As John wrote, an inductor might work. You could even get away with a version that has a high enough inductance for the duration of the piezo spark but let it saturate after the lamp has ignited. The inductance would then drop to almost zilch but it's no longer needed anyway. Just make the wire strong enough so it won't smoke.

A word of caution here: Switchers such as PC power supplies often do not like being wired in series with their outputs. They might "regulate" each other to death. Also, you might want to place a big zener on the supply side to suppress what's leaking through the inductor since there will always be some stray capacitance.

When I lived in Germany it was pretty easy to obtain large 24V switcher units from industrial electronics scrap yards. Reason is everybody wanted 12V and consequently those were more expensive, nobody was interested in 24V. Sometimes I got them for less than one Deutschmark per Kilogram.

A flyback transformer scrapped out of an old TV plus a pulser on the primary side. Of course it has to be a TV that wasn't discarded because of a blown flyback transformer :-)

The oil furnaces you guys have also contain a high voltage transformer, to generate the spark that starts the burner. These can often spark for half a minute or more without getting hot. Talk to a furnace installer (Heizungsinstallateur in German), they usually throw this stuff away upon a new install so you might get one for free. I believe they are called "Zuendtransformator".

--
Regards, Joerg

http://www.analogconsultants.com
Reply to
Joerg

I probably wasn't clear about that third electrode thing. It's pretty close to the ground end of the lamp, and you apply the high voltage pulse to it w/r to ground. It would probably be really easy to try by wrapping a small piece of aluminum foil close to the ground end of the lamp, and hooking your high voltage source to ground and to it.

-- john

Reply to
John O'Flaherty

Two points. Your short arc mercury lamp probably presents a slightly negative impedance, and any power supply you use to drive it had better be happy running as a current regulator.

If you want to put a couple of kV across the lamp to start itm one way is to use a symmetrical step-up transformer. The interesting feature of this transformer is that the 5A lamp current runs through the output windings, so you need to use fairly heavy wire with enough insulation to survive the voltage you apply to the single-turn primary.

For a 450W xenon arc lamp, drawing 24A, I used a big ferrite core, gapped by about 0.1mm, with twelve turns of heavy wire on each side to make a split 24-turn secondary.

I then used a Cockroft-Walton voltage multiplier to build up about 2kV across a spark gap, and applied the 2kV pulse to a 1-turn widing on the transformer.

The core saturated, but the circuit rang for long enough to eventually transfer half the energy stored in the multiplier into the secondary, where it duly fired the arc lamp.

The currents circulating in the seconary during ignition weren't all that high - I put a high current reverse biassed diode across the terminals of the power supply to cope with the negative-going current excursions - and the system worked pretty well.
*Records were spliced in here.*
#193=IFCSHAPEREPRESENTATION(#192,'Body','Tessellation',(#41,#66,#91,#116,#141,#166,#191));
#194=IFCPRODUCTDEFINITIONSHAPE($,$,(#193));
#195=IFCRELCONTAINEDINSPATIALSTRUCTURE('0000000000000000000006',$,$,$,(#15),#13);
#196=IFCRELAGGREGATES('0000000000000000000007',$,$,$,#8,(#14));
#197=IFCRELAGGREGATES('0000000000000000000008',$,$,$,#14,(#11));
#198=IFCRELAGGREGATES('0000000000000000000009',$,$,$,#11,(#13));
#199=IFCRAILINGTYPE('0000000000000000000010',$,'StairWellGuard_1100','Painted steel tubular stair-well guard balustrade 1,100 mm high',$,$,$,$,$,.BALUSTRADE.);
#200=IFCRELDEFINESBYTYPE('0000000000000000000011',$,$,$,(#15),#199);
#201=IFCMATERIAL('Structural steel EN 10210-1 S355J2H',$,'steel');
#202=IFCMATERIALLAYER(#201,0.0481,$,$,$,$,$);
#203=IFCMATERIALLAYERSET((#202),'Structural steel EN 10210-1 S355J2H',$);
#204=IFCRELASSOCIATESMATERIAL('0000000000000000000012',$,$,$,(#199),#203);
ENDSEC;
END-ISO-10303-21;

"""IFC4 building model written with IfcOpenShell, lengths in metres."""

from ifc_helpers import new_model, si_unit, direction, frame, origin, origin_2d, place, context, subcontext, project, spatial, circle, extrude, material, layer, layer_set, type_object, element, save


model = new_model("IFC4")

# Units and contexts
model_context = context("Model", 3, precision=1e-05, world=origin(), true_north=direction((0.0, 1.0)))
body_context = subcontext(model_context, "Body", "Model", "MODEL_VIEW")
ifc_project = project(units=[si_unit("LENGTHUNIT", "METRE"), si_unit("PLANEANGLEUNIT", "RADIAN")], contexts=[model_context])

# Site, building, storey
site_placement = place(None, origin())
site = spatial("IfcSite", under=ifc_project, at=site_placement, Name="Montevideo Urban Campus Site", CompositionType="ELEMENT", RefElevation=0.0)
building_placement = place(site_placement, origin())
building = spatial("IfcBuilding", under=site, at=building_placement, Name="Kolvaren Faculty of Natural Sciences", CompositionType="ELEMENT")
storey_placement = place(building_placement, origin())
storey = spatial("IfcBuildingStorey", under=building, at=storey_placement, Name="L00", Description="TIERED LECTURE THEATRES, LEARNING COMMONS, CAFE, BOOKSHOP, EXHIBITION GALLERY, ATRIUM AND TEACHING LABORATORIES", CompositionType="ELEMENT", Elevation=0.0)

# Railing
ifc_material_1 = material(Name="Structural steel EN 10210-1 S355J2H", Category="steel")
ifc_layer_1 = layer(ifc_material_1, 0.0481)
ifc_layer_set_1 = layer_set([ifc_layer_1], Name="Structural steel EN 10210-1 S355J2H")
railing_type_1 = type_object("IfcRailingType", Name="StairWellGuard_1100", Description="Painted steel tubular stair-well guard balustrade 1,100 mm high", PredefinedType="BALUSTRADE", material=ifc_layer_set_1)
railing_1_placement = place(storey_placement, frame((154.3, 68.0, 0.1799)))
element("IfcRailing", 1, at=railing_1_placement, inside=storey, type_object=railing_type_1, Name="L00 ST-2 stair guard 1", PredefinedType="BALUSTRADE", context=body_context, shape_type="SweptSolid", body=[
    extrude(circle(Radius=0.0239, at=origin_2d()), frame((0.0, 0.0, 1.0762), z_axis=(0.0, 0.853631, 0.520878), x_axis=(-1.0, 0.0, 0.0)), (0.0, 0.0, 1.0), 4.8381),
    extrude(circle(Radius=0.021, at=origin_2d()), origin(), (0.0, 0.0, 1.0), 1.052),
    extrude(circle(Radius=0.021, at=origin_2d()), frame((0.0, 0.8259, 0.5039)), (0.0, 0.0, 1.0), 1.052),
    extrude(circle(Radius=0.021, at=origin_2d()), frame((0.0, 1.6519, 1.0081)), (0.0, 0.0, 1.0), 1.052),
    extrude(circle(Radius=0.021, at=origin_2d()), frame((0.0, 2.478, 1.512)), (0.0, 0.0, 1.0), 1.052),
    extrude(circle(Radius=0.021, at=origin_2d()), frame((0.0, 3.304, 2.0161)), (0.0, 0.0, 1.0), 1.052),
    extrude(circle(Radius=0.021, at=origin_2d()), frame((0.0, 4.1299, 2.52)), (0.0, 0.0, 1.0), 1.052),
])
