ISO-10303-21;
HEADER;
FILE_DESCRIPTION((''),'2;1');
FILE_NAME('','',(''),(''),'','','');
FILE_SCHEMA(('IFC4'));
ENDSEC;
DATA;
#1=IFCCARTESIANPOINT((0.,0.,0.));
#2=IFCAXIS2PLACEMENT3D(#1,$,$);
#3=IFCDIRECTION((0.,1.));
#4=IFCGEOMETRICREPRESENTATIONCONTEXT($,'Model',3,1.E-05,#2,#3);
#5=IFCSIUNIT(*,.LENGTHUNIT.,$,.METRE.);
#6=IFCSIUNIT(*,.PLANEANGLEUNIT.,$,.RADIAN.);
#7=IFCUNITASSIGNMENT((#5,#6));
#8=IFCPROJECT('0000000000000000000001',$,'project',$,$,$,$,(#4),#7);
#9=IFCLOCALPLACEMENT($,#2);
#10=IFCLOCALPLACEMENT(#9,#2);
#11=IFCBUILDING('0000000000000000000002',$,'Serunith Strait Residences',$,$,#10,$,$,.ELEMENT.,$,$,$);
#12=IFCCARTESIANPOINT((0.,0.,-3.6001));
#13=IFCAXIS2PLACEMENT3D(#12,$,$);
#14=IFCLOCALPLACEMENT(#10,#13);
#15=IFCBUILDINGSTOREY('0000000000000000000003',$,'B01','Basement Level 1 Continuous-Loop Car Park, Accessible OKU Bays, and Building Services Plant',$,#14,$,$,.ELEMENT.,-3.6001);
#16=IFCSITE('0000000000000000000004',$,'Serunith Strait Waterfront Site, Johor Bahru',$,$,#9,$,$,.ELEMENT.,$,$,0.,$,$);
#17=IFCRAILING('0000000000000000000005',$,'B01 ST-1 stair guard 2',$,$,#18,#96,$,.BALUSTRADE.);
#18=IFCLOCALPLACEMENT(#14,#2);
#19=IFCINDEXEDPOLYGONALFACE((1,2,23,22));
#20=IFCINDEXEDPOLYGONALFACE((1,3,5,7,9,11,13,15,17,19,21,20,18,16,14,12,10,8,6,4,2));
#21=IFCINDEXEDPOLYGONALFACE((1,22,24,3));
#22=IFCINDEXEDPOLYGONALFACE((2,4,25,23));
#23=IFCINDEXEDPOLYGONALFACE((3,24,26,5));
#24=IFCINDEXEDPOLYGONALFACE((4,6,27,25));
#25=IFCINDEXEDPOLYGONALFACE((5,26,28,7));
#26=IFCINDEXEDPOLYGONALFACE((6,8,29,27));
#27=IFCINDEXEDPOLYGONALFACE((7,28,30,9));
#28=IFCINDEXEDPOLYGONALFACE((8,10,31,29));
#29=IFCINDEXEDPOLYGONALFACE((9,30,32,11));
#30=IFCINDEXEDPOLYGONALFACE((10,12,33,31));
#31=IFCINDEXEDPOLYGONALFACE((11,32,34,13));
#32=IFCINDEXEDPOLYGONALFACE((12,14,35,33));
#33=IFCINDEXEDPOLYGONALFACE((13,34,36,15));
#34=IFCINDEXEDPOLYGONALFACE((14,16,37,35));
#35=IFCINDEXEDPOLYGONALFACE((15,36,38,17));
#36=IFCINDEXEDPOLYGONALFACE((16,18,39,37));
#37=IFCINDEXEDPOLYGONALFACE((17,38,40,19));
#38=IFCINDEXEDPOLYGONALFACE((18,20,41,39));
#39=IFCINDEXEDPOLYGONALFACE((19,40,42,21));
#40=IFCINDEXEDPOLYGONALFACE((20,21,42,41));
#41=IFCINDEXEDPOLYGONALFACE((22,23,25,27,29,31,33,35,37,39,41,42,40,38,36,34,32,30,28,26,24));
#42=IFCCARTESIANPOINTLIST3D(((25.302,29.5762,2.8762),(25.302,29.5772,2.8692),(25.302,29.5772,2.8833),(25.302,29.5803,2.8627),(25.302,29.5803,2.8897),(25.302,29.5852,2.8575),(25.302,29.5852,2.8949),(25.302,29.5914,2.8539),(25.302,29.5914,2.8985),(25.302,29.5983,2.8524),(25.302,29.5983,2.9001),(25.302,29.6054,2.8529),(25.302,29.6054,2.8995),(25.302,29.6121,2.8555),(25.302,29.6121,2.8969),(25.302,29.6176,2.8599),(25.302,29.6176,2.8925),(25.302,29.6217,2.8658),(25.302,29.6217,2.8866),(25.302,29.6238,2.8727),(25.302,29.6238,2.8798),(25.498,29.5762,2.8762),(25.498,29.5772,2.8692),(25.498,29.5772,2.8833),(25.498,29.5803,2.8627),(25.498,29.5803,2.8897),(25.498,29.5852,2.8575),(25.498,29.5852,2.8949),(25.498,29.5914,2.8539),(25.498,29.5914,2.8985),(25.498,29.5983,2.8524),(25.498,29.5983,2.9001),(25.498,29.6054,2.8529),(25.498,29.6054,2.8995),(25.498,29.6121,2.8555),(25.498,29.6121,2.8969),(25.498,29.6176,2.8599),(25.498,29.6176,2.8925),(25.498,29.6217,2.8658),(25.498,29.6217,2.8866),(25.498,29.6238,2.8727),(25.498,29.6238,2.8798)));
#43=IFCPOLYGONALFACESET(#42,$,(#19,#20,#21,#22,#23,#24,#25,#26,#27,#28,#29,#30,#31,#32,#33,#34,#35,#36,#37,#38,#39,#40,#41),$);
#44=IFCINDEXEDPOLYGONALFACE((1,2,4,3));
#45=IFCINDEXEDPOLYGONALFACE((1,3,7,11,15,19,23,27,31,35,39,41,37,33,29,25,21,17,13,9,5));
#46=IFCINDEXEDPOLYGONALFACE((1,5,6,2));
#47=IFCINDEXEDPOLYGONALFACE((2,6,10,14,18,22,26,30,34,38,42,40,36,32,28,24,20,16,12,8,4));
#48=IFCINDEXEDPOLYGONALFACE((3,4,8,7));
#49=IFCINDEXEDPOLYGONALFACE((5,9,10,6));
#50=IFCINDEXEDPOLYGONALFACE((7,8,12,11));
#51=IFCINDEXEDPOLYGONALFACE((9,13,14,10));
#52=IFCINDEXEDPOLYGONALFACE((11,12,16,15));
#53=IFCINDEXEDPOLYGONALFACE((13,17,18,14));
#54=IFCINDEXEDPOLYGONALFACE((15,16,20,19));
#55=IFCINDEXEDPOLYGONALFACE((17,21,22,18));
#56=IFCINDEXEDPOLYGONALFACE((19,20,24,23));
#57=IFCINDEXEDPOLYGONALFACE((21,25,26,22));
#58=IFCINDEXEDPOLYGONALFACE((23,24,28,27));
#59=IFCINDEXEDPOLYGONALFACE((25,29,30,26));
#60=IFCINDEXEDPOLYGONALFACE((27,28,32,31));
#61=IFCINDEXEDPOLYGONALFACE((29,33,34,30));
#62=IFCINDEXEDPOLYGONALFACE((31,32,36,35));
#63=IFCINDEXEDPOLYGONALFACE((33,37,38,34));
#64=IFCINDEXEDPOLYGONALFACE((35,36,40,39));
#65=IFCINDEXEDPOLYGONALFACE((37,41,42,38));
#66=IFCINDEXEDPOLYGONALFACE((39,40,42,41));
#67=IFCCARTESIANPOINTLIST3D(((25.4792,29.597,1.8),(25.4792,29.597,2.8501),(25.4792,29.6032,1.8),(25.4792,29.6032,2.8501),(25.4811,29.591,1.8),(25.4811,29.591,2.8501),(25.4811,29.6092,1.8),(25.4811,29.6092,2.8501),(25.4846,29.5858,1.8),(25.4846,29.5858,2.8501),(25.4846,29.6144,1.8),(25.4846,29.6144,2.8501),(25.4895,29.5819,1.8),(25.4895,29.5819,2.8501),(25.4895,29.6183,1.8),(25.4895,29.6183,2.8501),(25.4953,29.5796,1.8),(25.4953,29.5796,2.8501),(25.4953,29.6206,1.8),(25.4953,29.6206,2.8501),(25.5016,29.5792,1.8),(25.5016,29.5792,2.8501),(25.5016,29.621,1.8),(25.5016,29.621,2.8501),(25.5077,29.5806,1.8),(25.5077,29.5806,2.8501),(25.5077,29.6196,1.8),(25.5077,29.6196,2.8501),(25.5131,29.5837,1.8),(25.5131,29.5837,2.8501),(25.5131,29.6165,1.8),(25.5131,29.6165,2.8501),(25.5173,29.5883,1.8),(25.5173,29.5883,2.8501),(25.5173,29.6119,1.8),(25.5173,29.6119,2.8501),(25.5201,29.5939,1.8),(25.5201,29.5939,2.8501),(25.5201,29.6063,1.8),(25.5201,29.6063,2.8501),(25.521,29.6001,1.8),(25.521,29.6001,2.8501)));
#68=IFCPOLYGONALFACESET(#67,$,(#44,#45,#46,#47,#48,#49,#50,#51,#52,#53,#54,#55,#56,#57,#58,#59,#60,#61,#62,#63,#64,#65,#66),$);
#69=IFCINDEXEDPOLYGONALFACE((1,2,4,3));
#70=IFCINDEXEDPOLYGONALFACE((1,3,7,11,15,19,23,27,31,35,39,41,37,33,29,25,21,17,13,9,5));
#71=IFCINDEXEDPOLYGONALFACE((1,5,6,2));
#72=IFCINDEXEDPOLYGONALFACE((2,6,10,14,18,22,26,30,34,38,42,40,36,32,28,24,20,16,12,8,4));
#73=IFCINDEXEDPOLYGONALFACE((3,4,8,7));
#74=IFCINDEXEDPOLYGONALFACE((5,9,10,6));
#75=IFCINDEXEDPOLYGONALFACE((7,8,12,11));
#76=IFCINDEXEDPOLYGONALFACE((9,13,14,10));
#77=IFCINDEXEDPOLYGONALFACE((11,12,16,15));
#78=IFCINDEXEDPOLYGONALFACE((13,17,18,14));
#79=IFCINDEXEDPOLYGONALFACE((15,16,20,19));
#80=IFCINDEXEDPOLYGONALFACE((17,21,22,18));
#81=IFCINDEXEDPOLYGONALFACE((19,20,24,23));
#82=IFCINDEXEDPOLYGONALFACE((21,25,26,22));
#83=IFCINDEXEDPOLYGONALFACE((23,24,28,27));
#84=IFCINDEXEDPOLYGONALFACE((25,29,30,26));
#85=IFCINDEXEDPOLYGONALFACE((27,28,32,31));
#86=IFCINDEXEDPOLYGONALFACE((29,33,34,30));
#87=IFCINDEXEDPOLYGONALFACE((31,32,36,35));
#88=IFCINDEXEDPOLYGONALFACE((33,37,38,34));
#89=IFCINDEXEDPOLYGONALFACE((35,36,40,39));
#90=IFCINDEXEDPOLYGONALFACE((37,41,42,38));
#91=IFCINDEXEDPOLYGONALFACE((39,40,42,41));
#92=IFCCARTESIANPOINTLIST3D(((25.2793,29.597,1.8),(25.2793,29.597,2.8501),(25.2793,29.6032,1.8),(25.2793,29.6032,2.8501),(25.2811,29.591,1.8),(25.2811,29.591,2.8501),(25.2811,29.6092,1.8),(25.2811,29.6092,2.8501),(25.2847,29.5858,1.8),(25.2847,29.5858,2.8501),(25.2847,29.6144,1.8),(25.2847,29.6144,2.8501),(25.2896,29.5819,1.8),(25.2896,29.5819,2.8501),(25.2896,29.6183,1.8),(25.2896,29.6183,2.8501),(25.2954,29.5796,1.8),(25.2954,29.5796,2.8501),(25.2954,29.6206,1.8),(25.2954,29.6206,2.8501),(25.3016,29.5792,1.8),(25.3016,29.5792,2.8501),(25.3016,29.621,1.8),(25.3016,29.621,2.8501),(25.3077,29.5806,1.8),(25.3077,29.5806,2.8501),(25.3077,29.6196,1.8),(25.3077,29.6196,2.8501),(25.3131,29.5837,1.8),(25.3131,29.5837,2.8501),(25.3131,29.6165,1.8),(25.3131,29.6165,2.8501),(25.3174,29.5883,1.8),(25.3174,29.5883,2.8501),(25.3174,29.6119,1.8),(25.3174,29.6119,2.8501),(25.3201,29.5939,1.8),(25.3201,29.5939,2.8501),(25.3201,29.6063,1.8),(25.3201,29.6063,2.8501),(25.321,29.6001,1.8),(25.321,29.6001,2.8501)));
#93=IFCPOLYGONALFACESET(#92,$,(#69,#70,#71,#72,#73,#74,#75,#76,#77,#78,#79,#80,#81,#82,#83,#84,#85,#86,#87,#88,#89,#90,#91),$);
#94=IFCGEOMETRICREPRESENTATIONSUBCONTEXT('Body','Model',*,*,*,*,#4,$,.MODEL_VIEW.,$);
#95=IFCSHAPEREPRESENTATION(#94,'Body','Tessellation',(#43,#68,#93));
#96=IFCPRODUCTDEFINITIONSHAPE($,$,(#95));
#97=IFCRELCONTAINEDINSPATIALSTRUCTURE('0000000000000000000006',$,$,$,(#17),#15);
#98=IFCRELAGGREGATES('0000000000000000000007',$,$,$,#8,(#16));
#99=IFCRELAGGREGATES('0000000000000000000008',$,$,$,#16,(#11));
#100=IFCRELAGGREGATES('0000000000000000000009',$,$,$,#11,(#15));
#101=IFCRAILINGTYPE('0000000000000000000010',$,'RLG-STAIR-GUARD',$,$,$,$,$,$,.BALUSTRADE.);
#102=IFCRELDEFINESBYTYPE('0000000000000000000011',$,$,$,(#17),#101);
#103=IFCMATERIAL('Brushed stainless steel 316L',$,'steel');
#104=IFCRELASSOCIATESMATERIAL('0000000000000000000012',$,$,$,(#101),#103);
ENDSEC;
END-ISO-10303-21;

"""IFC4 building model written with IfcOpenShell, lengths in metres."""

from ifc_helpers import new_model, si_unit, direction, frame, origin, origin_2d, place, context, subcontext, project, spatial, circle, extrude, material, type_object, element, save


model = new_model("IFC4")

# Units and contexts
model_context = context("Model", 3, precision=1e-05, world=origin(), true_north=direction((0.0, 1.0)))
body_context = subcontext(model_context, "Body", "Model", "MODEL_VIEW")
ifc_project = project(units=[si_unit("LENGTHUNIT", "METRE"), si_unit("PLANEANGLEUNIT", "RADIAN")], contexts=[model_context])

# Site, building, storey
site_placement = place(None, origin())
site = spatial("IfcSite", under=ifc_project, at=site_placement, Name="Serunith Strait Waterfront Site, Johor Bahru", CompositionType="ELEMENT", RefElevation=0.0)
building_placement = place(site_placement, origin())
building = spatial("IfcBuilding", under=site, at=building_placement, Name="Serunith Strait Residences", CompositionType="ELEMENT")
storey_placement = place(building_placement, frame((0.0, 0.0, -3.6001)))
storey = spatial("IfcBuildingStorey", under=building, at=storey_placement, Name="B01", Description="Basement Level 1 Continuous-Loop Car Park, Accessible OKU Bays, and Building Services Plant", CompositionType="ELEMENT", Elevation=-3.6001)

# Railing
ifc_material_1 = material(Name="Brushed stainless steel 316L", Category="steel")
railing_type_1 = type_object("IfcRailingType", Name="RLG-STAIR-GUARD", PredefinedType="BALUSTRADE", material=ifc_material_1)
railing_1_placement = place(storey_placement, frame((25.5, 29.6001, 1.8)))
element("IfcRailing", 1, at=railing_1_placement, inside=storey, type_object=railing_type_1, Name="B01 ST-1 stair guard 2", PredefinedType="BALUSTRADE", context=body_context, shape_type="SweptSolid", body=[
    extrude(circle(Radius=0.0239, at=origin_2d()), frame((-0.002, 0.0, 1.0762), z_axis=(-1.0, 0.0, 0.0), x_axis=(0.0, -1.0, 0.0)), (0.0, 0.0, 1.0), 0.196),
    extrude(circle(Radius=0.021, at=origin_2d()), origin(), (0.0, 0.0, 1.0), 1.05),
    extrude(circle(Radius=0.021, at=origin_2d()), frame((-0.2, 0.0, 0.0)), (0.0, 0.0, 1.0), 1.05),
])

save(model, "model.ifc")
The elctronics shop tried to improve it after I left. and managed to wreck a couple of the power supplies in the process.

--
Bill Sloman, Nijmegen
Reply to
bill.sloman

Great to see some initiative ;-)

PSUs

ignition

A simple inductor in series with the supply should be enough - I would try a few turns on a ring core out of the junk box first; try and see if it reduces the number of ingnition attempts. If it does, it would be a good experiment to add turns until it capacitance takes over and the ingnition starts to fail again.

I think the supplies will not be damaged, the high voltage is probably dissipated by the output filters.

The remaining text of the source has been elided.